Une autre chose que beaucoup de gens ne réalisent pas est que si la soupe est traditionnellement préparée avec de l’eau chaude, vous pouvez également la préparer avec du lait de soja chaud ou du jus de légumes. A Kagoshima, au sud de Kyûshû, il est également de coutume de boire du chabushi, qui est un miso d’orge et des flocons de bonite séchée mélangés à du thé vert, de sorte que même le miso et le thé vont bien ensemble. Cela dit, j’aime toujours les classiques comme les algues wakame et le tôfu frit. Ce sont ceux qui me rendent heureuse. En fin de compte, je crois que le miso, loin d’être un simple assaisonnement, est le “cœur” du peuple japonais.

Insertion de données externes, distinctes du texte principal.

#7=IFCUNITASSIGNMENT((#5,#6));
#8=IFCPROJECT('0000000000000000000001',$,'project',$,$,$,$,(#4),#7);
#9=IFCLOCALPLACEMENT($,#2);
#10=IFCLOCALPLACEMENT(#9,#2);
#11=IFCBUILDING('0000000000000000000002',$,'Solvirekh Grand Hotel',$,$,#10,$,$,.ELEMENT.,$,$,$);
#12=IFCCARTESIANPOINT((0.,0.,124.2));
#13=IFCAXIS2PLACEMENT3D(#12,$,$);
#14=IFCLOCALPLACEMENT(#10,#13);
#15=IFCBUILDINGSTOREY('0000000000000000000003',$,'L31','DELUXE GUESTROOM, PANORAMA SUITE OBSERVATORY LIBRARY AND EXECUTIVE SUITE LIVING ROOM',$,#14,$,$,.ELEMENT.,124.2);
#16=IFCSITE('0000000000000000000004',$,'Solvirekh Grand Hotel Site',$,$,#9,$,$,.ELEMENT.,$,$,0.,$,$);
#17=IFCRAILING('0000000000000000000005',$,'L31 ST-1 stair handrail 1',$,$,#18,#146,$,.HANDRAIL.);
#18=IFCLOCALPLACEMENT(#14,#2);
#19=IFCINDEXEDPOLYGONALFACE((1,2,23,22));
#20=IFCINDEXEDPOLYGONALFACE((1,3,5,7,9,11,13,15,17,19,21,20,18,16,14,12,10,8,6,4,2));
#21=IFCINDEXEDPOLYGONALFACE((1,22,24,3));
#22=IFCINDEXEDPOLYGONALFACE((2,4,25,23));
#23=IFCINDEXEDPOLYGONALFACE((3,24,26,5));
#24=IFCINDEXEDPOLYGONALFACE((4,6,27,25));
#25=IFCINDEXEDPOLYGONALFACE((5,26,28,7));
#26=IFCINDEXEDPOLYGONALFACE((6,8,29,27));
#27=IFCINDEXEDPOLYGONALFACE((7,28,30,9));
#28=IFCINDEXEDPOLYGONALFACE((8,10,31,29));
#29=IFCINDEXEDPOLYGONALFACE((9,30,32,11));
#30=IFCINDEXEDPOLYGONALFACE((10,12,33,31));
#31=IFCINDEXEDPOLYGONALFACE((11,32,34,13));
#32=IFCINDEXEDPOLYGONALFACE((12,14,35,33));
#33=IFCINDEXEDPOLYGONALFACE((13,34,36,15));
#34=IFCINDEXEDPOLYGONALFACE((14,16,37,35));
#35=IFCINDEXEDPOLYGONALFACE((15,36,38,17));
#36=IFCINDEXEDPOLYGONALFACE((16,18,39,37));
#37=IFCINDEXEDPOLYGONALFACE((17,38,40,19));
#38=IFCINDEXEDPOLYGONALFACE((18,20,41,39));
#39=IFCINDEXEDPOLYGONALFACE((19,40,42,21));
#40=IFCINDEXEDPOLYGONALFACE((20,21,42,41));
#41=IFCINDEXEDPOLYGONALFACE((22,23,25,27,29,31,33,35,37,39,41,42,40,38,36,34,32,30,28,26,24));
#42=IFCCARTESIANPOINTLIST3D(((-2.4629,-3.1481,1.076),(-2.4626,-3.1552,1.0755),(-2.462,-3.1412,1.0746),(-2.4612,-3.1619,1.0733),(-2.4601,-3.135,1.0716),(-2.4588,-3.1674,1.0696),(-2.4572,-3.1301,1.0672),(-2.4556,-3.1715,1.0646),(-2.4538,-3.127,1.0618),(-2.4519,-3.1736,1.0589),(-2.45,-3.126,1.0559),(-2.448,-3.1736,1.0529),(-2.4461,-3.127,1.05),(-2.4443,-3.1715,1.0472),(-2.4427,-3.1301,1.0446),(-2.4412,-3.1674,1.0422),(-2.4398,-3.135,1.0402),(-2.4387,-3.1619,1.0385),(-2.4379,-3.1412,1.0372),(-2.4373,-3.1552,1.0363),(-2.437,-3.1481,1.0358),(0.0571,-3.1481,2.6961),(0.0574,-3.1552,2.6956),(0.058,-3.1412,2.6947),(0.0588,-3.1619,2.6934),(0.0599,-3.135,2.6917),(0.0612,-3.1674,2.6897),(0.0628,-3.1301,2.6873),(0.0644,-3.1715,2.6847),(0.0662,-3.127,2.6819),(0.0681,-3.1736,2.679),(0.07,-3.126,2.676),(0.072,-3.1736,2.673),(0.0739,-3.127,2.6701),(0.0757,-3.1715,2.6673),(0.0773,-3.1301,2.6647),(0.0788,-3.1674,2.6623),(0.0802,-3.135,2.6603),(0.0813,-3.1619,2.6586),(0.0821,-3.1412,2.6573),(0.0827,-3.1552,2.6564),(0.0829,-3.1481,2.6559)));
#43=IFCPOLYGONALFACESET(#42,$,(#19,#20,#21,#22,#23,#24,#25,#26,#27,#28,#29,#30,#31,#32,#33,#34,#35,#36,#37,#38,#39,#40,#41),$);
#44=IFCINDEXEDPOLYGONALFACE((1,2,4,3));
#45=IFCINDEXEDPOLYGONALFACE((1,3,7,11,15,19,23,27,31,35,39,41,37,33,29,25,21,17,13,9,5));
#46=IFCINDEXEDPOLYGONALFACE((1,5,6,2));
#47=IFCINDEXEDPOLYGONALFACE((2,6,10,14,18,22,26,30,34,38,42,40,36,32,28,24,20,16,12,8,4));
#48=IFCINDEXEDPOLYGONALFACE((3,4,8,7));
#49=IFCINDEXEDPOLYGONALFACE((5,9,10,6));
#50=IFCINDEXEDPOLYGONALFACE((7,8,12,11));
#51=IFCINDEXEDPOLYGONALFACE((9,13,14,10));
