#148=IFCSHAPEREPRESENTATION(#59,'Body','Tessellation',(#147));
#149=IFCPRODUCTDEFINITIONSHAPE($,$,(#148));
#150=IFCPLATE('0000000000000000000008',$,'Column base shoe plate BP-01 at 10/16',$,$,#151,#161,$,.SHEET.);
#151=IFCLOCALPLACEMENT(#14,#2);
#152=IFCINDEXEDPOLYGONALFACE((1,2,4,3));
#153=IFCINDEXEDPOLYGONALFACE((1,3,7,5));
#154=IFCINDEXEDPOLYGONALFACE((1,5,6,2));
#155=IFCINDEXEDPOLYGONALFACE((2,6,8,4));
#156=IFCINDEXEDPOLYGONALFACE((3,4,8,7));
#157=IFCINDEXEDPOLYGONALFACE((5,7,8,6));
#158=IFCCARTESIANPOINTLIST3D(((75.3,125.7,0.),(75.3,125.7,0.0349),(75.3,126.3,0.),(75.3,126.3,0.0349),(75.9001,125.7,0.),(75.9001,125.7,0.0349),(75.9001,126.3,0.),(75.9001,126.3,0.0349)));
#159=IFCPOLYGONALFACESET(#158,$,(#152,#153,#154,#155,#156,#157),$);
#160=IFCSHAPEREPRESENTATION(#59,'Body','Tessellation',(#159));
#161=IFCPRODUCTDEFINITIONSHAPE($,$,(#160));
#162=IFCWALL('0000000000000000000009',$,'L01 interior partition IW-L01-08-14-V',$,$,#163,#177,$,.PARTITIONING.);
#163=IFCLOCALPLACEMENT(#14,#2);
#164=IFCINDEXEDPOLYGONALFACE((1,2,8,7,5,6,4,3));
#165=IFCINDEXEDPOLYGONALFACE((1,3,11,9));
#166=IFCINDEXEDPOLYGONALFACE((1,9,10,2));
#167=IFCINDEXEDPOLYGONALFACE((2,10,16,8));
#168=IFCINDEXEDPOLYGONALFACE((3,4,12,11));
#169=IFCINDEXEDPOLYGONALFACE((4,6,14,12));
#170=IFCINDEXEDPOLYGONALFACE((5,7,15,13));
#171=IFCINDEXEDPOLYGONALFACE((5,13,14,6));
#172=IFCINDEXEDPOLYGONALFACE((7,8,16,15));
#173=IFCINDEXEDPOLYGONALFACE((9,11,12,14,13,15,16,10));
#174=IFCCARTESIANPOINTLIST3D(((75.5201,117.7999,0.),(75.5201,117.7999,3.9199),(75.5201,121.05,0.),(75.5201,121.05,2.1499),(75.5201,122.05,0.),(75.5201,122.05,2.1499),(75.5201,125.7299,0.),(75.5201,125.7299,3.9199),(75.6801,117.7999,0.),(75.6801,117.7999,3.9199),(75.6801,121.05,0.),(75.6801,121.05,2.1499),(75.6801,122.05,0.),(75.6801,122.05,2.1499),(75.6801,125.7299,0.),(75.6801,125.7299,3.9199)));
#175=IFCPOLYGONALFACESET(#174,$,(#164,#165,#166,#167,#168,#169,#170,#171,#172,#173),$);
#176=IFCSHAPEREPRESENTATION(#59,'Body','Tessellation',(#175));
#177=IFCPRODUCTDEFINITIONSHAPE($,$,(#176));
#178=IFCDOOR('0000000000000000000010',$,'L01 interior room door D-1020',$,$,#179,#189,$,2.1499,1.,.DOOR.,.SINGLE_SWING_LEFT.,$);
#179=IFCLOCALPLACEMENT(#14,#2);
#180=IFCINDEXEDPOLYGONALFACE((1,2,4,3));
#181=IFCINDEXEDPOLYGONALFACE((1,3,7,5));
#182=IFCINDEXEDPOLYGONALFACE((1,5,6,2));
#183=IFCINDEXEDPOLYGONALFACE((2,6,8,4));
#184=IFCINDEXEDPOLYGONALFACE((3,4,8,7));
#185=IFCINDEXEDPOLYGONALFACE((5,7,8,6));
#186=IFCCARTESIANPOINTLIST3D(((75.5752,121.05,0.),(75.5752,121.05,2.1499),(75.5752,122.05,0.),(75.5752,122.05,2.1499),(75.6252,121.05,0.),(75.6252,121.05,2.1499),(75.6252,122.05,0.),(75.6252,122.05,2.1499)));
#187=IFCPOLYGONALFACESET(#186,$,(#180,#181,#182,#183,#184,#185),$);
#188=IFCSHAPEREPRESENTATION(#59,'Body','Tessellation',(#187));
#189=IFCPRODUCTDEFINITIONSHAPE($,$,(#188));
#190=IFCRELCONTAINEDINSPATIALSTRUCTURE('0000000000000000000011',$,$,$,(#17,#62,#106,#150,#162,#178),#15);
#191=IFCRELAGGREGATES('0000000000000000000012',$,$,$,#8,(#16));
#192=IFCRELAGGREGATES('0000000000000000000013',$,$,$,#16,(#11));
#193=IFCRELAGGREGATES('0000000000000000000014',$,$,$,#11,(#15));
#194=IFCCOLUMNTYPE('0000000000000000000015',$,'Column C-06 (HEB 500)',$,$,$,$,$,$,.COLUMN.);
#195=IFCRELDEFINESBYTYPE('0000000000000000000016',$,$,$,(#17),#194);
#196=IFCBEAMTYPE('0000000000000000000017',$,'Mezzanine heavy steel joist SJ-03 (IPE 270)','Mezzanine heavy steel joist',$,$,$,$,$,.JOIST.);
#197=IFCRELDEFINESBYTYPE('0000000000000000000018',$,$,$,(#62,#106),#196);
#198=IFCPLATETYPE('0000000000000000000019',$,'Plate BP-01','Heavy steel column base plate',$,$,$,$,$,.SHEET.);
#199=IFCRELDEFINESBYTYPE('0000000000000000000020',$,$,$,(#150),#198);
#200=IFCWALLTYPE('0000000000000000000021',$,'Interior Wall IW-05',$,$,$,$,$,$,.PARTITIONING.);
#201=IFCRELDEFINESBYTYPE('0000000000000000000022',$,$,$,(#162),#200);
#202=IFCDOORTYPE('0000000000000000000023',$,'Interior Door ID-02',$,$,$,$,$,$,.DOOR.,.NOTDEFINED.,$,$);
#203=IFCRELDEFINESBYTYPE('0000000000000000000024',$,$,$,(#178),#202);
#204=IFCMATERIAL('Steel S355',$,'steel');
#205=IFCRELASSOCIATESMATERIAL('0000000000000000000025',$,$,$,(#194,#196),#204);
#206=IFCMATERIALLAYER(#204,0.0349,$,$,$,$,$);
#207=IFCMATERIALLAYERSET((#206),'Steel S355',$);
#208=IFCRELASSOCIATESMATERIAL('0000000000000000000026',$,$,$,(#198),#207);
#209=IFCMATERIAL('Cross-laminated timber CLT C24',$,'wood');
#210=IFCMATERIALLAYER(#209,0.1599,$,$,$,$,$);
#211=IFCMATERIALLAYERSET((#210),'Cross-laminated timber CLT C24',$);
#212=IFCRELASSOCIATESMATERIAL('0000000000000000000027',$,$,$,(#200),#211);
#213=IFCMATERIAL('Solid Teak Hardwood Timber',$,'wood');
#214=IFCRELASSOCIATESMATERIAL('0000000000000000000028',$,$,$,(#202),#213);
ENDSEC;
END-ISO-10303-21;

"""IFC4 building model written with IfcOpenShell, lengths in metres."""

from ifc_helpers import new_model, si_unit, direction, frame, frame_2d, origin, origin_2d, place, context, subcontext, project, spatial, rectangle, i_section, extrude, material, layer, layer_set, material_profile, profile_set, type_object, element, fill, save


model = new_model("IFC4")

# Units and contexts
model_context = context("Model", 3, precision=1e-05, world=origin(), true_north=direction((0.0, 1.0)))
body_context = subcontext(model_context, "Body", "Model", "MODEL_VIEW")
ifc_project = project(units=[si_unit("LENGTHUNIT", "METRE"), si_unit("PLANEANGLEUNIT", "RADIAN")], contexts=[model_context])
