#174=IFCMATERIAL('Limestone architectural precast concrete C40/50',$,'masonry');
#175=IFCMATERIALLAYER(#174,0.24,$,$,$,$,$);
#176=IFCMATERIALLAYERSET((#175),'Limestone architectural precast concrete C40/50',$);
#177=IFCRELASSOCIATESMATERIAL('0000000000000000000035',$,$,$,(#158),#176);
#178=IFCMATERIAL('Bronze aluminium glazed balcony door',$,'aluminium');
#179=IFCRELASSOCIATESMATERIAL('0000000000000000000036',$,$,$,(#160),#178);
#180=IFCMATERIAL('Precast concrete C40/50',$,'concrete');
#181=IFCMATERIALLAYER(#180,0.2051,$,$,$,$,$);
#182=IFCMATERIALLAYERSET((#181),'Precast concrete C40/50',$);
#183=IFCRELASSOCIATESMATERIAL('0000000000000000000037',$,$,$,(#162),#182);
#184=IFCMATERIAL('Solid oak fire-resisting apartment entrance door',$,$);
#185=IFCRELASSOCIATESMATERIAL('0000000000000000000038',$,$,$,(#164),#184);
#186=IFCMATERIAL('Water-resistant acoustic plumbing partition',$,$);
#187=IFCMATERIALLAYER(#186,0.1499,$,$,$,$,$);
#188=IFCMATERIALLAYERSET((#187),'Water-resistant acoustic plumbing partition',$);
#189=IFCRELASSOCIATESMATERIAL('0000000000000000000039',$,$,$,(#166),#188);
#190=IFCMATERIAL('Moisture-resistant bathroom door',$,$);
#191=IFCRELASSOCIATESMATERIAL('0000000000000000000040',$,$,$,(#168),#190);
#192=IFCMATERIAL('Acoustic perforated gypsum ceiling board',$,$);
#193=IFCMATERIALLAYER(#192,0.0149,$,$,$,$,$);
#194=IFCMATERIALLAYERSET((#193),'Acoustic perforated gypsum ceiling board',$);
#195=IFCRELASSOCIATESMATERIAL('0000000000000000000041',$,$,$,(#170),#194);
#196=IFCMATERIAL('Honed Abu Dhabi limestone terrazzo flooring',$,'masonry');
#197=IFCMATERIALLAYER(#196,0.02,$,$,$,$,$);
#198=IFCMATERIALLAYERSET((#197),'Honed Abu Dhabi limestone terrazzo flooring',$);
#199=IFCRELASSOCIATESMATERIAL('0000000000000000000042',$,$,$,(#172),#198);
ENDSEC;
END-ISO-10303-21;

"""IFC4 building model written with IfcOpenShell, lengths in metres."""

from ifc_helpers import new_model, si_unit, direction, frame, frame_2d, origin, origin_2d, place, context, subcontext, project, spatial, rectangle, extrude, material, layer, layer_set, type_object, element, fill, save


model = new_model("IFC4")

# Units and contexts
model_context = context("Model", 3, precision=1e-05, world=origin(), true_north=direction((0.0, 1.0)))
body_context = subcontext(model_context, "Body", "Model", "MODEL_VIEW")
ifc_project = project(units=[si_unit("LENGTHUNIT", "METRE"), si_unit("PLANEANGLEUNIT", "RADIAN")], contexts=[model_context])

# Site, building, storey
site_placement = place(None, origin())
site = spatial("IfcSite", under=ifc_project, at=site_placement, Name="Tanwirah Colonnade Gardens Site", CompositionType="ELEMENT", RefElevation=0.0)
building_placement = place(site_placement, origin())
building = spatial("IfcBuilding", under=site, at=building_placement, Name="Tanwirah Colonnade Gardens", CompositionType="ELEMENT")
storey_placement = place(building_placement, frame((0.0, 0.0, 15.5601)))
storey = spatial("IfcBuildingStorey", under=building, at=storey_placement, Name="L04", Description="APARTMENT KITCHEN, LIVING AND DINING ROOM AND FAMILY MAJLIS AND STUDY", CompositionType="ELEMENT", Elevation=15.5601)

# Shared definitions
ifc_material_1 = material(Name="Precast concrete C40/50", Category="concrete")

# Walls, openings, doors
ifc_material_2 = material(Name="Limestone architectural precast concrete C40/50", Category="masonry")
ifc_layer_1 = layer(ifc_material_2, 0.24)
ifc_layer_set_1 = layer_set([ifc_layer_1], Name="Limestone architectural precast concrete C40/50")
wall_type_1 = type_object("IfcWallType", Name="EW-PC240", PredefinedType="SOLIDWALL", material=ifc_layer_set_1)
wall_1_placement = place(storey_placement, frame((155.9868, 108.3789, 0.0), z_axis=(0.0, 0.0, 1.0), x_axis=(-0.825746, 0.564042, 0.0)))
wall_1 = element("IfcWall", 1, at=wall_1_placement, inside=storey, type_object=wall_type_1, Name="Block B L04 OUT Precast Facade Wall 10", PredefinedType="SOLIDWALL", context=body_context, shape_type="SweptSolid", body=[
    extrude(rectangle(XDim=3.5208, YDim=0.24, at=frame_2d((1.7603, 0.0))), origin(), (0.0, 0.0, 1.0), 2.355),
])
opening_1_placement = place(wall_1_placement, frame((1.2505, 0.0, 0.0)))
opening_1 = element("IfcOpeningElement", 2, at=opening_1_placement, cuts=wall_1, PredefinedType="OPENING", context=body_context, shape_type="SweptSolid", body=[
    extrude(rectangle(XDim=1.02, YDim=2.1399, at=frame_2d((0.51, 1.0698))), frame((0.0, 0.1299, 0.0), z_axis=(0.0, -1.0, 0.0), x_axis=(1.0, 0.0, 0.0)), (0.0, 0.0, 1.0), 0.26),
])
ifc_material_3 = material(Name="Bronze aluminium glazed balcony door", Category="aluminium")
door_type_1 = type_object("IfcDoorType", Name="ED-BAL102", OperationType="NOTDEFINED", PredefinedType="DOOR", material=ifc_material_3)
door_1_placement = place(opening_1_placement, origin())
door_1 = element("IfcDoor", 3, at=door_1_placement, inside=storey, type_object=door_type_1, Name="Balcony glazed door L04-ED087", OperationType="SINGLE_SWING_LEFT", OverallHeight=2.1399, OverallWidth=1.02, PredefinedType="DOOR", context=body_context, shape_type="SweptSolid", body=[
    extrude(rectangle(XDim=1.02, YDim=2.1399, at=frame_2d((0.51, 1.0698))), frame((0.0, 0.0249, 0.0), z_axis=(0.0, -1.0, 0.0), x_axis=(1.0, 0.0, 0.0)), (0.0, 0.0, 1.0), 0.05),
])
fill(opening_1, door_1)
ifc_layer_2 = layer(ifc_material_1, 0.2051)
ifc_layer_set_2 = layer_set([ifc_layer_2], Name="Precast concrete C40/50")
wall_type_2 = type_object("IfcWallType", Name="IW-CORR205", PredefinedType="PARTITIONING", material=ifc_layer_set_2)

Quel objectif poursuivez-vous avec MISODO en particulier ?
F. T. : Ces dernières années, les aliments fermentés tels que l’amazake (saké sucré, voir Zoom Japon n°84, octobre 2018) et le shio-kôji (kôji de riz salé) ont connu un véritable essor en tant qu’aliments considérés comme bons pour la santé et la beauté. Cependant, la consommation de miso elle-même est en fait en déclin. Par exemple, de nombreuses personnes ne boivent pas de soupe miso parce qu’elles n’ont pas le temps de la préparer le matin ou parce qu’elles trouvent ennuyeux de faire du dashi. En conséquence, la consommation de miso a diminué de moitié au cours des 40 dernières années, et des centaines de producteurs ont disparu. À ce rythme, la culture du miso va s’éteindre.
Ce serait une tragédie, car le miso est si important pour notre santé. C’est le message le plus important que je veux faire passer avec mes activités. Je veux que tout le monde reste en bonne santé. La santé est la chose la plus importante lorsque vous voulez réaliser vos rêves. Si vous n’êtes pas en bonne santé, vous ne pourrez pas être performant à 100 % et vous n’aurez pas l’énergie nécessaire pour faire de votre mieux.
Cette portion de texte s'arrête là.